C’est le livre de la mer, du petit peuple qui vit accroché à ses récifs, et c’est aussi le roman de cette vertu sublime que l’on nomme persévérance.
Ce livre raconte l’humanité des bords de mer : aventuriers véreux ou honnêtes, mais toujours ambitieux ; bouges sombres où s’entassent les âmes perdues amenées là par les vents contraires en attendant de disparaître au large ; et ces guinguettes de marins où un vieux capitaines à pipe, tel le phare qui avertit des dangers, lance ses sentences à qui veut les entendre : ne prenez pas la mer aujourd’hui, la houle et les vents seront mauvais, je l’ai vu à la couleur des fleurs, à l’heure tardive du chant du coq et au vol des oiseaux marins !
La mer, tel le grand architecte, fait et détruit les fortunes.
C’est ainsi qu’un jour celle d’un armateur vint se fracasser sur un écueil, formé de deux colonnes de granit noir, entre saint Malo et Guernesey : « les deux rochers, tout ruisselants encore de la tempête de la veille, semblaient des combattants en sueur » …
Figurez-vous alors que pour une promesse de mariage, un homme singulier, un misanthrope qu’on dit sorcier des mers, survint pour aller sauver les débris de cette réussite échouée dans l’océan. Pendant mille nuits et mille jours, il livra une bataille inouïe aux titans des océans.

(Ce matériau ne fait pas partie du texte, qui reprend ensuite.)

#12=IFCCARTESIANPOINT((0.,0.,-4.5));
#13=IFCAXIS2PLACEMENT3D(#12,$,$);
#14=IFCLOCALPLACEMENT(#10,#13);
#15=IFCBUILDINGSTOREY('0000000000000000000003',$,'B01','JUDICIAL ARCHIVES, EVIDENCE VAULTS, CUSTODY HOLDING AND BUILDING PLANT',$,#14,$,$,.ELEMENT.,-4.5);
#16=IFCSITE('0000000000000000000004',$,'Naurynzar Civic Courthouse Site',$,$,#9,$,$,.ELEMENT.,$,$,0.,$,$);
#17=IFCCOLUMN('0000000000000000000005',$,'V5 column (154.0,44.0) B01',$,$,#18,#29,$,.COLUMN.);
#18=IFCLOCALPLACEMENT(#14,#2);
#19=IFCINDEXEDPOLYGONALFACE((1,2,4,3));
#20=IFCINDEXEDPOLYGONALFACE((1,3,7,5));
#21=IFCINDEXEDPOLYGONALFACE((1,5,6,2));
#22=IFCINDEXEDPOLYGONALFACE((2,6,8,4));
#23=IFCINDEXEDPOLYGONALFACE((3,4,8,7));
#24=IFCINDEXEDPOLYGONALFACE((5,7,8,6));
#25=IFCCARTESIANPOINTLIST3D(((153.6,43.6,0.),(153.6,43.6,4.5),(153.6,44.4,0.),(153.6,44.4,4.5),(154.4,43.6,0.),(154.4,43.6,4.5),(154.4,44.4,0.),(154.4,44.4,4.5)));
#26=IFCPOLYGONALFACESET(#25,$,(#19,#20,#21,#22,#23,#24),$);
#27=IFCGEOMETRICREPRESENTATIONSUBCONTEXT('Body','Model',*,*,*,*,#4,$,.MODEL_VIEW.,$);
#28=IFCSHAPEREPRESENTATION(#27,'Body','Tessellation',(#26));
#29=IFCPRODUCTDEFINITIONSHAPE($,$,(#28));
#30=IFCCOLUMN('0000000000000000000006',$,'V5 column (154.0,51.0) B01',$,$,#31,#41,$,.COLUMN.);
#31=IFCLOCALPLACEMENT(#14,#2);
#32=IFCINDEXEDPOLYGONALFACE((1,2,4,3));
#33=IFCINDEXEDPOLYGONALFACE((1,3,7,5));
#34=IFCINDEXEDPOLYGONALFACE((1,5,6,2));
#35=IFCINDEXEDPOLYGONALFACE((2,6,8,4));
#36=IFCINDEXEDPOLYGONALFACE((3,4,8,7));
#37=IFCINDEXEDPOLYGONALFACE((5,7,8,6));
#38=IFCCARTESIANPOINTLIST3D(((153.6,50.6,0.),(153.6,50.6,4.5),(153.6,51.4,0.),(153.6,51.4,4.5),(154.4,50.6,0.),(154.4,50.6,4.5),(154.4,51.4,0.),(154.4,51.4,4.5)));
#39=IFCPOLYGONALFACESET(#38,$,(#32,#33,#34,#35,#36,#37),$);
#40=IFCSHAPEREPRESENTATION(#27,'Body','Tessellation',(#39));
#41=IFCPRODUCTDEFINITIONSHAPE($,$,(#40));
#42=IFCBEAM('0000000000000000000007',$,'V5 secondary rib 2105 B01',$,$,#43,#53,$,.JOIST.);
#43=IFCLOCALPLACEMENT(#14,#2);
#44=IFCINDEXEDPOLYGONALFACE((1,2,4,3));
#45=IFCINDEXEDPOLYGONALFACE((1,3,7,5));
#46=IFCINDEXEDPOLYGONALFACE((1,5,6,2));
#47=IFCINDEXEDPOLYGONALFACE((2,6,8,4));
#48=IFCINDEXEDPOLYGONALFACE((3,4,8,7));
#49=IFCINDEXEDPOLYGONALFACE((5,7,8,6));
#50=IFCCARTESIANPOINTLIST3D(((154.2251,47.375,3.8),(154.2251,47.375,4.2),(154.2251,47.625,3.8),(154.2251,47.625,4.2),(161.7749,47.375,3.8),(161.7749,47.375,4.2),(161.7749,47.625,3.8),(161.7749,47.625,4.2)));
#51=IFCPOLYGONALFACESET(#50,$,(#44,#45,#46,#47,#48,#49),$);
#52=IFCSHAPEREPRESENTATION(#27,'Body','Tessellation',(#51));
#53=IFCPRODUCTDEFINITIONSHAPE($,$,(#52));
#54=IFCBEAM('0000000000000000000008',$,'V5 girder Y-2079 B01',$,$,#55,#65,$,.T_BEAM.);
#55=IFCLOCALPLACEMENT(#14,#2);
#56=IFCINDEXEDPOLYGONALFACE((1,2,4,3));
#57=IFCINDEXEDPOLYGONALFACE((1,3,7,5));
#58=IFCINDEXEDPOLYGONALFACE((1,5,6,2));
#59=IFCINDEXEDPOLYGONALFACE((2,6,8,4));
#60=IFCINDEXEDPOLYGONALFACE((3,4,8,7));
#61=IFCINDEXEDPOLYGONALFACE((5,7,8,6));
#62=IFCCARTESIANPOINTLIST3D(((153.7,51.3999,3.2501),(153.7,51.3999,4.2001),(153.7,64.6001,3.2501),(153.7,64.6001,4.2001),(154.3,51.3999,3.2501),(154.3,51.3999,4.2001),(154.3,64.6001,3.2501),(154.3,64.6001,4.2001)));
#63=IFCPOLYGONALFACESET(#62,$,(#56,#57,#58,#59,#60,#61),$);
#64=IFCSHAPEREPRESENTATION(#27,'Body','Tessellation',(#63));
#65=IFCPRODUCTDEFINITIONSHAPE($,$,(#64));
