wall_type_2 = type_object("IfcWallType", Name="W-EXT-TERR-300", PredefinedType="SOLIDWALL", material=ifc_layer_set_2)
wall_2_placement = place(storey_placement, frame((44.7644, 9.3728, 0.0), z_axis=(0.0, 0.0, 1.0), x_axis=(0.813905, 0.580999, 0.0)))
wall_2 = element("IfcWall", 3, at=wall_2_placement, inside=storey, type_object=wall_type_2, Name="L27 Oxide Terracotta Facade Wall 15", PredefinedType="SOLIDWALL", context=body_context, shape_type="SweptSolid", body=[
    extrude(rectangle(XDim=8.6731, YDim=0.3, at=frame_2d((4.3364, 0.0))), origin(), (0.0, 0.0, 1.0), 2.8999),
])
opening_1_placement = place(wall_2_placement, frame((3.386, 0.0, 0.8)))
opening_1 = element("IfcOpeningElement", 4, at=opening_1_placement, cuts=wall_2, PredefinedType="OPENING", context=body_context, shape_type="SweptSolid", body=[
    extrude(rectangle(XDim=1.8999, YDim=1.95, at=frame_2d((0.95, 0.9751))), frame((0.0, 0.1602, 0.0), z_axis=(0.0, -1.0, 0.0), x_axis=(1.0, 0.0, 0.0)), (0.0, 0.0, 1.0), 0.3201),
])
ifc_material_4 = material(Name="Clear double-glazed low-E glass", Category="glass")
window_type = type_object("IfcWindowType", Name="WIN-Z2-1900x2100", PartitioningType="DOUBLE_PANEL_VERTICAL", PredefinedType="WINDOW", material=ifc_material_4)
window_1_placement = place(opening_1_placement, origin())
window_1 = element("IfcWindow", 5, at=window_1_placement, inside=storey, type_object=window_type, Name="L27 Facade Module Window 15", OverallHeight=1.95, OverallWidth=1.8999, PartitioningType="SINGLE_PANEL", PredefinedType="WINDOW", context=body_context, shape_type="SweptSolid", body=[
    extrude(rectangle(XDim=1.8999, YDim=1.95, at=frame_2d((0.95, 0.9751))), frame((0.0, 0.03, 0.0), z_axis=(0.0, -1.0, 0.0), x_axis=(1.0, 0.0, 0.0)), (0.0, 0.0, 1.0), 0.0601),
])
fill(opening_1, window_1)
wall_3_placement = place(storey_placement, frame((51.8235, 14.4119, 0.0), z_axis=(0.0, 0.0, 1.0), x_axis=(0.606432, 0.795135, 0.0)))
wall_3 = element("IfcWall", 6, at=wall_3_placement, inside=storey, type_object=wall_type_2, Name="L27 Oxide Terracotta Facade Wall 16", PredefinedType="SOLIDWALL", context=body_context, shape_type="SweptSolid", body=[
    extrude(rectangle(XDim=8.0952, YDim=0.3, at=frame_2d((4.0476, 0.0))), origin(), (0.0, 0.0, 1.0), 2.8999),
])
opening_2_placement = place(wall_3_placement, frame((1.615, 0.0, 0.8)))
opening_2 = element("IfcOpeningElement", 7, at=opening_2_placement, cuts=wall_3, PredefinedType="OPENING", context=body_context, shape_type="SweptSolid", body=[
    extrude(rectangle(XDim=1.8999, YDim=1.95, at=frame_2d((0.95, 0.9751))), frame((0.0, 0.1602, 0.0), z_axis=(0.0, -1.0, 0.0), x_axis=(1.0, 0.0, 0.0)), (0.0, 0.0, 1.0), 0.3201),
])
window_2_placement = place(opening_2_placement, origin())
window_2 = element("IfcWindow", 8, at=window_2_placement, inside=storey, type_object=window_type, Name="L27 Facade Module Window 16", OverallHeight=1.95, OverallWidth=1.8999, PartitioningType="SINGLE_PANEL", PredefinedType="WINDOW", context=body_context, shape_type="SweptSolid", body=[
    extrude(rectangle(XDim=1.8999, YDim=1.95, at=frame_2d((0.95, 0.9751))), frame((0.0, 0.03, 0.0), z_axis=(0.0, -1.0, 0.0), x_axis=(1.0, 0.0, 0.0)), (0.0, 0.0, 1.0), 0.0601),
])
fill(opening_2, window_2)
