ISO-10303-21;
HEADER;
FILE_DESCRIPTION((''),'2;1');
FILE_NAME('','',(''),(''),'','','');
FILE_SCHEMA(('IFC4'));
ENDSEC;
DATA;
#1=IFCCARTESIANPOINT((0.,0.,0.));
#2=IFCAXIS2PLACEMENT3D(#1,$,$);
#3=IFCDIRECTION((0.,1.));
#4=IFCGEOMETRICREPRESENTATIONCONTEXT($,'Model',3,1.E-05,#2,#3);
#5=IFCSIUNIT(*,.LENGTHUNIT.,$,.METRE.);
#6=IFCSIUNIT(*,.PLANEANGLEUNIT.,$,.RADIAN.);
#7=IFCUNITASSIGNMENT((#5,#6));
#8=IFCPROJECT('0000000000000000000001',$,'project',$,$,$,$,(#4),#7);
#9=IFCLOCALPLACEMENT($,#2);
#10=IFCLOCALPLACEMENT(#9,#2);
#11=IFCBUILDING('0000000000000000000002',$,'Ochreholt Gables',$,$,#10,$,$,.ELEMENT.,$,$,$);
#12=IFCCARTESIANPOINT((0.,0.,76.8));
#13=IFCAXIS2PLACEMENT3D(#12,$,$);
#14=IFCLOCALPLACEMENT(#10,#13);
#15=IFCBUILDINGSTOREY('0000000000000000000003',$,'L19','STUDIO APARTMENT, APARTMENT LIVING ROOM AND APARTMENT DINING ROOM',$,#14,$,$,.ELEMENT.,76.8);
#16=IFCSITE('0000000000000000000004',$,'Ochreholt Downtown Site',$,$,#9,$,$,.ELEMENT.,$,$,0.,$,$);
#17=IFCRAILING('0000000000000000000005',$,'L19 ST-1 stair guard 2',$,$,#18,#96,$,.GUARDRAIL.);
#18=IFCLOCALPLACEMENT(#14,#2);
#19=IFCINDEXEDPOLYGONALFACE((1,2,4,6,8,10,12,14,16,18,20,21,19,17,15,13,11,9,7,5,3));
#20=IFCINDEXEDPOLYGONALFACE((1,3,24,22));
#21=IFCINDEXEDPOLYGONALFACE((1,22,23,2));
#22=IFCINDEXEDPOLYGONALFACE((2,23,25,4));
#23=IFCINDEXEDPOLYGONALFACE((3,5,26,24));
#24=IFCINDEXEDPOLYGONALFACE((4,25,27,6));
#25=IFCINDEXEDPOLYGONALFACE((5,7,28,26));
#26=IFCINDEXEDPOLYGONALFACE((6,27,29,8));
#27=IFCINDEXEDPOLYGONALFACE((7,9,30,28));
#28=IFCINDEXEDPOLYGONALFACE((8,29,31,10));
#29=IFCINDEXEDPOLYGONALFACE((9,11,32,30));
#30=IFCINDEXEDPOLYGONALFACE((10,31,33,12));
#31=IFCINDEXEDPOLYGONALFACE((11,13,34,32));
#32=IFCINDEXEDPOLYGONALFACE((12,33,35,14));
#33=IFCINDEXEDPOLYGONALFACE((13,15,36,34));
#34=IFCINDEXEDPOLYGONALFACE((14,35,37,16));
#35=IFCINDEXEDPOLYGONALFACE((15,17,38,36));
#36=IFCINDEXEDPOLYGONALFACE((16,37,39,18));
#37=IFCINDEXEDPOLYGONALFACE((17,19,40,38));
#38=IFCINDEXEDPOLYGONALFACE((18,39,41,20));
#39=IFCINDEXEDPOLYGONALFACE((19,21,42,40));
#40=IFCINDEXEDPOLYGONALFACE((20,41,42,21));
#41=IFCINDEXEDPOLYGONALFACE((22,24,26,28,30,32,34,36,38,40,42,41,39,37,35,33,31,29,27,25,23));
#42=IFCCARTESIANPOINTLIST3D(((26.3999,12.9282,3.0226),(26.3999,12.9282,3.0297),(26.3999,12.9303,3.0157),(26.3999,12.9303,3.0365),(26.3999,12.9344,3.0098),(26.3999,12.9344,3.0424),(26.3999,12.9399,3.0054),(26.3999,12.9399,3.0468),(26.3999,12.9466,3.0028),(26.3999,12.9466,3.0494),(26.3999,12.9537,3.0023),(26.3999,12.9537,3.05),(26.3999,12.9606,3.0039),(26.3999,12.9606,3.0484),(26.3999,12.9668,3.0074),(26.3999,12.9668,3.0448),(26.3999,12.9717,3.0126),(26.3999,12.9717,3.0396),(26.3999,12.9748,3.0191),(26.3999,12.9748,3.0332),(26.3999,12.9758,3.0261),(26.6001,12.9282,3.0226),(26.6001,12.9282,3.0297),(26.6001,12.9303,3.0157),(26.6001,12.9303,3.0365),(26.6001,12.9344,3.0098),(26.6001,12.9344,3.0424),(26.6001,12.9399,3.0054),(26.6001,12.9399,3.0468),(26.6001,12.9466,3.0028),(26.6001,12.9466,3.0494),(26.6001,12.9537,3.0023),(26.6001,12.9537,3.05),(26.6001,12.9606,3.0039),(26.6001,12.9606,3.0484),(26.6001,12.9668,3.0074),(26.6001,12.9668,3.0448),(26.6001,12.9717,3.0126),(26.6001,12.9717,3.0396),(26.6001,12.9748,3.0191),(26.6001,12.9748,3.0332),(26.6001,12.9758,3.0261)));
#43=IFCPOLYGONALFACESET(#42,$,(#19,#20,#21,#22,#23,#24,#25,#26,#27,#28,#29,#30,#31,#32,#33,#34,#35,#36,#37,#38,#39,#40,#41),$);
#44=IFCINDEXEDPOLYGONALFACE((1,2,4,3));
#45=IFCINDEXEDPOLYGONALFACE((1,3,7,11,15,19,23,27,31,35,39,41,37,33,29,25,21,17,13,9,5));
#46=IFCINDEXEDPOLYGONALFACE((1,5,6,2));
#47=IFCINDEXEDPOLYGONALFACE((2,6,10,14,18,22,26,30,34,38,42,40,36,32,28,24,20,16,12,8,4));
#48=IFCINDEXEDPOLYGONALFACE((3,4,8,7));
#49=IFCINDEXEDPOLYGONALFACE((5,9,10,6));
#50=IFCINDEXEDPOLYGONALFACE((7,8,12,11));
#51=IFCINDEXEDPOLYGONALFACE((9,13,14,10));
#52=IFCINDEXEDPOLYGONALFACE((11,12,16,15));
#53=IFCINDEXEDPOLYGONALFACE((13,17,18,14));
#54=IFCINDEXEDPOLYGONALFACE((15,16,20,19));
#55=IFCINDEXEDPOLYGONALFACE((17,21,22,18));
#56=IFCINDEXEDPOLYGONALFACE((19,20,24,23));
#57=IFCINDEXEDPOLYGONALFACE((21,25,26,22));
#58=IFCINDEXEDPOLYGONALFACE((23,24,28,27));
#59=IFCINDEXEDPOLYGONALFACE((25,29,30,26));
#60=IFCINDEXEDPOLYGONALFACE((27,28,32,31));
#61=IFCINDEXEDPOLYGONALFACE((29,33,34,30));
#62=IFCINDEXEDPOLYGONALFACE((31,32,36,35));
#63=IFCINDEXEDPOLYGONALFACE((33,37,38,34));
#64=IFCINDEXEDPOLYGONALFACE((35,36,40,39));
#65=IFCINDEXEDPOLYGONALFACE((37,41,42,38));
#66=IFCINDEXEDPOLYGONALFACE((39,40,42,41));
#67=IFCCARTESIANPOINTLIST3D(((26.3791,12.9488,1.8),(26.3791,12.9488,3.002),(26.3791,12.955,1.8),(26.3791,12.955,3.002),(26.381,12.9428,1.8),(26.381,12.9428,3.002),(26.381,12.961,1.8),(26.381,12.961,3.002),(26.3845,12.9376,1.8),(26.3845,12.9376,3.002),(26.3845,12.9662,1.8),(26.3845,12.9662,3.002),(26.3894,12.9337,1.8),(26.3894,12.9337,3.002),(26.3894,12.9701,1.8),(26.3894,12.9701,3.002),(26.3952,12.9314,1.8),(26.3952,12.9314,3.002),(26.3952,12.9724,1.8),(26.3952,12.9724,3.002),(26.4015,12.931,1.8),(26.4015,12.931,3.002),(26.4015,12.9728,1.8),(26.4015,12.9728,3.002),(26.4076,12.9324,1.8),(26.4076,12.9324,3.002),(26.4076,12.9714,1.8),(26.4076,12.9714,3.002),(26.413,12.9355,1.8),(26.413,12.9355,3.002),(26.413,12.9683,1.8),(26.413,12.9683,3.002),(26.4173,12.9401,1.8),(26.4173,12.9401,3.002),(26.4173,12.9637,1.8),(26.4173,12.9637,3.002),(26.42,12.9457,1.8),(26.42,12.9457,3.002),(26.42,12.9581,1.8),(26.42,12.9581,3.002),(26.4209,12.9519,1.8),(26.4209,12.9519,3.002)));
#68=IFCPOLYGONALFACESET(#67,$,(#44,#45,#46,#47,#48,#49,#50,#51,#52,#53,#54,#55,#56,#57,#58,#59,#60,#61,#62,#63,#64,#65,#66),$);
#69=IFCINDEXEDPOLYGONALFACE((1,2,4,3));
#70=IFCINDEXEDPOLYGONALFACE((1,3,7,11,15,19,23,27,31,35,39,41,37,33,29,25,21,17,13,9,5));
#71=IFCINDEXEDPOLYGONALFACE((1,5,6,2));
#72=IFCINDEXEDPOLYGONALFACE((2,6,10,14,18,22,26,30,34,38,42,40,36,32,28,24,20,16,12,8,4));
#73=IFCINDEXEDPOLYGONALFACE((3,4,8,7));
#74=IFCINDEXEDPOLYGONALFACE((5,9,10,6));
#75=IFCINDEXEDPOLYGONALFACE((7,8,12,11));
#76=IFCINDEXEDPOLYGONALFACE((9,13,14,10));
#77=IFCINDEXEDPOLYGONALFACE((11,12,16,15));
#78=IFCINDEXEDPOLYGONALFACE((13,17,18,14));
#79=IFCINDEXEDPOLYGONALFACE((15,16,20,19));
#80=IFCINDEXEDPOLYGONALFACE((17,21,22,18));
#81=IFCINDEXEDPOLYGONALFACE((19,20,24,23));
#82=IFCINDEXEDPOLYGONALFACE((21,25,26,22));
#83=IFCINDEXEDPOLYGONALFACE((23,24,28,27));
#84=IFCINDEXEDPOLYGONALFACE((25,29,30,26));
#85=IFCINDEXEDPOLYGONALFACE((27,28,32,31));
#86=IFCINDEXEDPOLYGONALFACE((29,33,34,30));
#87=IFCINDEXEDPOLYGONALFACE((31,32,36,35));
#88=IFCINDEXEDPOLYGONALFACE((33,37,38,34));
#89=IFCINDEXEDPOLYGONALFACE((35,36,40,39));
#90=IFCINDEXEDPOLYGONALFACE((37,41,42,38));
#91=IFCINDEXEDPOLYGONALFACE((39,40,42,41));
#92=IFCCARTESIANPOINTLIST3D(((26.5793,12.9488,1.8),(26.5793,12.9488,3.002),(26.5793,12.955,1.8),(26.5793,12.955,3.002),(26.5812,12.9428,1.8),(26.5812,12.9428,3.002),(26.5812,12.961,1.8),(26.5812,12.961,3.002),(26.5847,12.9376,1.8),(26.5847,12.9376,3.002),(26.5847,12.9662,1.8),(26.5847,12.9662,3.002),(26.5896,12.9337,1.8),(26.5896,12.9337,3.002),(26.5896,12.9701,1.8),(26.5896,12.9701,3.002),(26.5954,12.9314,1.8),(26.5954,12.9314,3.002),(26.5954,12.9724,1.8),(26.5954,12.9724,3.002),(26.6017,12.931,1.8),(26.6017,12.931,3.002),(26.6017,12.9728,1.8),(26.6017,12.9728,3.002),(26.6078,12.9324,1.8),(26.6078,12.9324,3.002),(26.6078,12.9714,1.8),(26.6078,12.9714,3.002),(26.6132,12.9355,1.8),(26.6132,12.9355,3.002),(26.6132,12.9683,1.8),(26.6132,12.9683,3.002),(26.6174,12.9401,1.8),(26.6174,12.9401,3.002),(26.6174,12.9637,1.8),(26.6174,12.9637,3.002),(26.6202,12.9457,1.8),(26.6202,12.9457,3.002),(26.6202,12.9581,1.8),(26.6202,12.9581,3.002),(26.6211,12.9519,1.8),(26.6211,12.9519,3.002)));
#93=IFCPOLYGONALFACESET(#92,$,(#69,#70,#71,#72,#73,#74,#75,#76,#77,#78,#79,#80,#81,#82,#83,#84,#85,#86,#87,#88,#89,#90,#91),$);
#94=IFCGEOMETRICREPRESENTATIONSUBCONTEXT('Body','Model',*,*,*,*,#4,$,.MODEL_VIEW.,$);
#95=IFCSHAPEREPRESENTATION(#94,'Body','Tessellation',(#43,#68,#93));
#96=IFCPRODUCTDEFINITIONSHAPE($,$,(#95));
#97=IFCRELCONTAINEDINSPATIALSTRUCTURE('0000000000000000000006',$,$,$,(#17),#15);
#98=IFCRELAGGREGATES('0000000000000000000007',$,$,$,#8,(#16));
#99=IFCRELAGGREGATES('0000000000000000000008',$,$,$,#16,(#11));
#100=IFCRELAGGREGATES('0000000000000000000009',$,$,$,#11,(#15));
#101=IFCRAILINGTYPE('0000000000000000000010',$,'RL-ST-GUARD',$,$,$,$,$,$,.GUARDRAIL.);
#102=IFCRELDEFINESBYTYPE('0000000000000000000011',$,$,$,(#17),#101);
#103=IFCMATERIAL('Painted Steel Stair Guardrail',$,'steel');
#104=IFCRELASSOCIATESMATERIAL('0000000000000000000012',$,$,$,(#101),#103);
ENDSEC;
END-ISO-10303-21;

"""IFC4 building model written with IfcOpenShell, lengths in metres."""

from ifc_helpers import new_model, si_unit, direction, frame, origin, origin_2d, place, context, subcontext, project, spatial, circle, extrude, material, type_object, element, save


model = new_model("IFC4")

# Units and contexts
model_context = context("Model", 3, precision=1e-05, world=origin(), true_north=direction((0.0, 1.0)))
body_context = subcontext(model_context, "Body", "Model", "MODEL_VIEW")
ifc_project = project(units=[si_unit("LENGTHUNIT", "METRE"), si_unit("PLANEANGLEUNIT", "RADIAN")], contexts=[model_context])

# Site, building, storey
site_placement = place(None, origin())
site = spatial("IfcSite", under=ifc_project, at=site_placement, Name="Ochreholt Downtown Site", CompositionType="ELEMENT", RefElevation=0.0)
building_placement = place(site_placement, origin())
building = spatial("IfcBuilding", under=site, at=building_placement, Name="Ochreholt Gables", CompositionType="ELEMENT")
storey_placement = place(building_placement, frame((0.0, 0.0, 76.8)))
storey = spatial("IfcBuildingStorey", under=building, at=storey_placement, Name="L19", Description="STUDIO APARTMENT, APARTMENT LIVING ROOM AND APARTMENT DINING ROOM", CompositionType="ELEMENT", Elevation=76.8)

# Railing
ifc_material_1 = material(Name="Painted Steel Stair Guardrail", Category="steel")
railing_type_1 = type_object("IfcRailingType", Name="RL-ST-GUARD", PredefinedType="GUARDRAIL", material=ifc_material_1)
railing_1_placement = place(storey_placement, frame((26.3999, 12.9519, 1.8)))
element("IfcRailing", 1, at=railing_1_placement, inside=storey, type_object=railing_type_1, Name="L19 ST-1 stair guard 2", PredefinedType="GUARDRAIL", context=body_context, shape_type="SweptSolid", body=[
    extrude(circle(Radius=0.0239, at=origin_2d()), frame((0.0, 0.0, 1.2261), z_axis=(1.0, 0.0, 0.0), x_axis=(0.0, 1.0, 0.0)), (0.0, 0.0, 1.0), 0.2002),
    extrude(circle(Radius=0.021, at=origin_2d()), origin(), (0.0, 0.0, 1.0), 1.2019),
    extrude(circle(Radius=0.021, at=origin_2d()), frame((0.2002, 0.0, 0.0)), (0.0, 0.0, 1.0), 1.2019),
])

save(model, "model.ifc")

Gilliatt, c’est son nom, a les tempêtes pétrifiées sur son visage : « on ne se mêle pas impunément à l’océan, à la tempête et à la nuit ; à trente ans, il en paraissait quarante-cinq. Il avait le sombre masque du vent et de la mer ».
Animé d’une flamme superbe, avec une volonté qui luisait dans ses yeux, Gilliat nous donne une leçon pour le restant de notre vie : « les opiniâtres sont les sublimes. Qui n’est que brave n’a qu’un accès, qui n’est que vaillant n’a qu’un tempérament, qui n’est que courageux n’a qu’une vertu ; l’obstiné dans le vrai a la grandeur. Presque tout le secret des grands cœurs est dans ce mot : perseverando. »
Cette aventure extraordinaire expose la beauté terrible de l’océan dans une extase descriptive qui révèle une étonnante poésie des images ; mais une poésie tragique qui continue à résonner au plus profond de notre âme bien après que le livre ait été refermé.
« Et cependant voilà des siècles innombrables
Que vous vous combattez sans pitié ni remord,
Tellement vous aimez le carnage et la mort,
Ô lutteurs éternels, ô frères implacables ! »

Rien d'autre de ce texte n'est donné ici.